El Sindicato N°1 de Instituto Sanitas, representado por su presidenta Isabel Cobo, el secretario César Peña y la tesorera Alejandrina Corral, se encuentra en su día 21 de huelga legal exigiendo mejoras laborales significativas. La lucha colectiva comenzó el 13 de mayo, tras el fracaso de las negociaciones entre los trabajadores y la administración de la empresa, que ha mostrado una clara negativa a satisfacer las exigencias del sindicato. Esta situación ha llevado al 99% de los miembros del sindicato a votar a favor de la huelga, una decisión que refleja el profundo descontento con las condiciones laborales actuales y la falta de respuesta de la empresa ante sus demandas.
Desde el inicio de las negociaciones, el Instituto Sanitas, un laboratorio con más de un siglo de historia y 235 registros sanitarios, se ha visto envuelto en un estancamiento considerable. A pesar de las múltiples mediaciones infructuosas con la Inspección del Trabajo, la empresa se ha negado a aceptar las propuestas de los trabajadores, incluso rechazando participar en reuniones que podrían haber acercado posturas. La última oferta presentada por la empresa el 12 de mayo fue desechada, lo que llevó a la decisión de movilizarse y hacer efectiva la huelga el mismo día.
El sindicato ha denunciado diversas prácticas antisindicales por parte de la administración de Sanitas, incluyendo la utilización de la empresa Metraín para trasladar mercadería y así evadir el impacto de la huelga. Además, se ha señalado que áreas esenciales, como las calderas, son mantenidas por personal no calificado, un problema que, aunque se ha presentado ante la Inspección del Trabajo, no ha sido corroborado en las fiscalizaciones. Los trabajadores, en su lucha, han enfrentado un recurso de protección por supuestos obstrucciones al ingreso de trabajadores no sindicalizados, mientras que la empresa ha sido acusada de utilizar accesos no oficiales para continuar con su operativa.
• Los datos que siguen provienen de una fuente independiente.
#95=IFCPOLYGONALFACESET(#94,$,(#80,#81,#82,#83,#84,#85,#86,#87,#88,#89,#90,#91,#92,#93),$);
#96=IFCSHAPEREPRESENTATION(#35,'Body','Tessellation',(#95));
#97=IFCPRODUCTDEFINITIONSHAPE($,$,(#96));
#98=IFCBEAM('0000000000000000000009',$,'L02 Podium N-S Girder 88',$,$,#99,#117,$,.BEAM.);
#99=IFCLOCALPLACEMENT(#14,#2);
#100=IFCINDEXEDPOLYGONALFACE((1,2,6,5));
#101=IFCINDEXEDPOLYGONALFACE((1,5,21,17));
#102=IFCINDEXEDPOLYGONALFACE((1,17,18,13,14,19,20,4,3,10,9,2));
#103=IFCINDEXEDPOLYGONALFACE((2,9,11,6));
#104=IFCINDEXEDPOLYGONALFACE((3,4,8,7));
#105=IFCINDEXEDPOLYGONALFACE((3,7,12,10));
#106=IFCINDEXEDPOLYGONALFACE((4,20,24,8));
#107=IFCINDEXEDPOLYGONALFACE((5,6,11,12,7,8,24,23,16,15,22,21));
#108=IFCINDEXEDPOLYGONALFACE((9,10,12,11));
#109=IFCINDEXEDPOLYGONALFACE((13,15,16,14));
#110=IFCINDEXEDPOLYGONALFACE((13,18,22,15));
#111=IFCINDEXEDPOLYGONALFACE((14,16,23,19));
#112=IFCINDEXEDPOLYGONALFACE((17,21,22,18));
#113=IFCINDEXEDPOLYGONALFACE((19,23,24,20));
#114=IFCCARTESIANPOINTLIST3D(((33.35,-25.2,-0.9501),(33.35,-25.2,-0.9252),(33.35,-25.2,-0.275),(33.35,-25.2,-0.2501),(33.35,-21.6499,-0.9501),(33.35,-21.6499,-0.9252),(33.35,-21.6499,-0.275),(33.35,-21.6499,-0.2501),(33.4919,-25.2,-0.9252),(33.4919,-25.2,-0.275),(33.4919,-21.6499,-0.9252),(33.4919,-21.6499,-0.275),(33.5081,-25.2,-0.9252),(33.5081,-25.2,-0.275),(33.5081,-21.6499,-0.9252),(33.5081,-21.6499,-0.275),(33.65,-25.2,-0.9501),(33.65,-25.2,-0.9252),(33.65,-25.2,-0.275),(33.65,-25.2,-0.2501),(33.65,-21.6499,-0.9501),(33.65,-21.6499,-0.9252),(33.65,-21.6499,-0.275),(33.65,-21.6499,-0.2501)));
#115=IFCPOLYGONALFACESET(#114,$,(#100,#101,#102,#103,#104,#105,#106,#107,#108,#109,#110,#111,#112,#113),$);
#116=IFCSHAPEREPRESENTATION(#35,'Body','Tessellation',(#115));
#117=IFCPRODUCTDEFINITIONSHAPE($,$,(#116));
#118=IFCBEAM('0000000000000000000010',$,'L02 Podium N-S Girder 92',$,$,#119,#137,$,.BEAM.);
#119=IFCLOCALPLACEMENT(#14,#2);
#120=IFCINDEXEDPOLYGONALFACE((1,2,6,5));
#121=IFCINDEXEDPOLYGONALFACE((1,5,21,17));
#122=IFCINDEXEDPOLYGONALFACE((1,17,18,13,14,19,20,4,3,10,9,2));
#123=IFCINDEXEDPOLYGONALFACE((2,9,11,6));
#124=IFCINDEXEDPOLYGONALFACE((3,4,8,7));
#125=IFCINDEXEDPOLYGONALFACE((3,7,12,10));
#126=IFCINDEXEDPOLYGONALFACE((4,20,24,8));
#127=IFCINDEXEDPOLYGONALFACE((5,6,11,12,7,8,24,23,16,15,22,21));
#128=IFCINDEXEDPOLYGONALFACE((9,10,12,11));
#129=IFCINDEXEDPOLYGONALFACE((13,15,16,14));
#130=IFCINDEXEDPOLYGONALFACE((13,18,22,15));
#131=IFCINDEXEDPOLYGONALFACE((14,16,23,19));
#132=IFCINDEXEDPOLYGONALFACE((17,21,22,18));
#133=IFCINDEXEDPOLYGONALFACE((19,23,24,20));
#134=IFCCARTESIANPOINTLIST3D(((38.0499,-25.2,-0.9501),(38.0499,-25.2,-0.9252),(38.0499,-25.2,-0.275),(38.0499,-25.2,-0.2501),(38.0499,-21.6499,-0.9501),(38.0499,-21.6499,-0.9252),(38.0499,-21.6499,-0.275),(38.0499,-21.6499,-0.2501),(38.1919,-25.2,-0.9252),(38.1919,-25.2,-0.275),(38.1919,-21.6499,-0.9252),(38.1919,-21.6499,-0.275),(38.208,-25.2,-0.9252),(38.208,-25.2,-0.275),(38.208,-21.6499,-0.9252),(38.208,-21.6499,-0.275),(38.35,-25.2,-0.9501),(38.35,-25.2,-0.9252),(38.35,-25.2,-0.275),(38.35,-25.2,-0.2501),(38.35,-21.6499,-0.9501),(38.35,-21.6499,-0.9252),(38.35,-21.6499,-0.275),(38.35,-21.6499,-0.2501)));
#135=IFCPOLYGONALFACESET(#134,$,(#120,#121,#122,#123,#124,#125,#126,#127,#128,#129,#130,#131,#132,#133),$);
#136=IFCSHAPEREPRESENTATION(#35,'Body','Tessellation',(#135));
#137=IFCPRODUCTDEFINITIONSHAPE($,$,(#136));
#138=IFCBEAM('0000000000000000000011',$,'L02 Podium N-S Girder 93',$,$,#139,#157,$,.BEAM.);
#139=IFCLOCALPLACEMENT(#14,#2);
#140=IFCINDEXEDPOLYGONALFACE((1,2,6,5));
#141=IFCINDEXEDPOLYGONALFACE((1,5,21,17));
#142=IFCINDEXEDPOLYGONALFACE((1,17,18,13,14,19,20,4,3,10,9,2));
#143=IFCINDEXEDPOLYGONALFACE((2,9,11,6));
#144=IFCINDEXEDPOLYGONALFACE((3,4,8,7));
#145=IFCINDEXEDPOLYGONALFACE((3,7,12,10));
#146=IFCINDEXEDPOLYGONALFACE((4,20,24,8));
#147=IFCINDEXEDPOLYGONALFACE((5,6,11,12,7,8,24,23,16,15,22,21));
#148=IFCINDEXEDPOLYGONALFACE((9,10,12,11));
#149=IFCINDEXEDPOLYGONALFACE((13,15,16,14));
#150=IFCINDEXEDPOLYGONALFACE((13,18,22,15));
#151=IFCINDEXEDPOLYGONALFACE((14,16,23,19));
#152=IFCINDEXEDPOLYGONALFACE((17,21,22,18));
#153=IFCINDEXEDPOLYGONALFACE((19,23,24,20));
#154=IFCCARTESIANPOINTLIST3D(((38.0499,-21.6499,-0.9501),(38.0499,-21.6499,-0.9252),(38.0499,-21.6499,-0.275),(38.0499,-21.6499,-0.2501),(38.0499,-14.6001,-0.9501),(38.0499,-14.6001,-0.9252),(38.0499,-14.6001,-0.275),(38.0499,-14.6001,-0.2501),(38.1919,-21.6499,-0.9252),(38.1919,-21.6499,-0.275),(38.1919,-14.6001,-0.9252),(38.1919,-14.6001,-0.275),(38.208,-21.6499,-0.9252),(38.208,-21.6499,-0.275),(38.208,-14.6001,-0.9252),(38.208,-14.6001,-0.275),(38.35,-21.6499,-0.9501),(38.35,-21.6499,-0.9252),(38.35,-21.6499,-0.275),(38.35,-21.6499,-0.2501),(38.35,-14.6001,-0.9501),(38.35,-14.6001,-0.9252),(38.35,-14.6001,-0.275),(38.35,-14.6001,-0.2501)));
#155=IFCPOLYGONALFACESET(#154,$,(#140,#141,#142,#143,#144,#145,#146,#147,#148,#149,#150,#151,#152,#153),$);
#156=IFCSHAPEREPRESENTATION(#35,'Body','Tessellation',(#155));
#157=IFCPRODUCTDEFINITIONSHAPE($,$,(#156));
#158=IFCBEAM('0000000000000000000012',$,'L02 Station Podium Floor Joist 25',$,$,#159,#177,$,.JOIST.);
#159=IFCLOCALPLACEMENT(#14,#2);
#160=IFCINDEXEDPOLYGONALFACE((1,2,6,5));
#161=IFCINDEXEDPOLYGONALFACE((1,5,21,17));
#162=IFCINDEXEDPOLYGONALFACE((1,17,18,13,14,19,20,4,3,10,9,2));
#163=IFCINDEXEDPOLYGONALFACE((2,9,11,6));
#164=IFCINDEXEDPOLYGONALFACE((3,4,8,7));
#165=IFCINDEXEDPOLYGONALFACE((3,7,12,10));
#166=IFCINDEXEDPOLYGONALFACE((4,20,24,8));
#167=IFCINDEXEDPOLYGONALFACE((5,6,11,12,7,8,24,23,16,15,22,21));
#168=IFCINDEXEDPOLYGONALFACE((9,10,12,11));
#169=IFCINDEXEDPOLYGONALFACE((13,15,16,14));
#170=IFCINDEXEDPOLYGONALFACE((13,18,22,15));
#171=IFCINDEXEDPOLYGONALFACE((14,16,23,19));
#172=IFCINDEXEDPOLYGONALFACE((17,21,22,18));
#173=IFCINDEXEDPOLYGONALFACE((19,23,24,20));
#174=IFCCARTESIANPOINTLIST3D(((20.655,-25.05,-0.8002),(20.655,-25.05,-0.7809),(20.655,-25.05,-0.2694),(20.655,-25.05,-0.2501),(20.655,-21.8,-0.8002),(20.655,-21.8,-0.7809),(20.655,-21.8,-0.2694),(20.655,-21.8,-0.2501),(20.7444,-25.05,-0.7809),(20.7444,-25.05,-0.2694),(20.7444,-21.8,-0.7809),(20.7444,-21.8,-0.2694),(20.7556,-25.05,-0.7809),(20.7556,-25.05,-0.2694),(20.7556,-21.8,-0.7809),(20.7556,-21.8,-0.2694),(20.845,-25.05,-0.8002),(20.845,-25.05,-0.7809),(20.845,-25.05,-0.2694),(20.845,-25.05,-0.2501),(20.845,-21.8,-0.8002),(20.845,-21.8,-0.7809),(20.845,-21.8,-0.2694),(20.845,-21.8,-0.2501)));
El contexto de la huelga es aún más tenso, ya que Instituto Sanitas se encuentra en medio de un proceso de adquisición por parte de Laboratorio Saval. Los temores de despidos masivos se han intensificado entre los trabajadores, quienes han sido descalificados como ‘terroristas’ y ‘delincuentes’ por parte de la gerencia de la empresa. Estas descalificaciones y el ambiente hostil han generado un clima de ansiedad entre los empleados, que temen por su futuro laboral, sobre todo en medio de una situación económica complicada para sus familias.
«Seguimos firmes, pero con miedo. Sanitas no muestra humanidad ni empatía», expresó Isabel Cobo, transmitiendo la preocupación de los trabajadores por la falta de consideración hacia sus demandas. A pesar de esta adversidad, el sindicato se mantiene dispuesto al diálogo, aunque critica fuertemente la intransigencia de la empresa. Los trabajadores hacen un llamado a visibilizar su lucha para que sus reclamos por un trato digno y condiciones laborales justas sean escuchados, en un contexto donde 153 familias están directamente impactadas, muchas de ellas lideradas por mujeres jefas de hogar.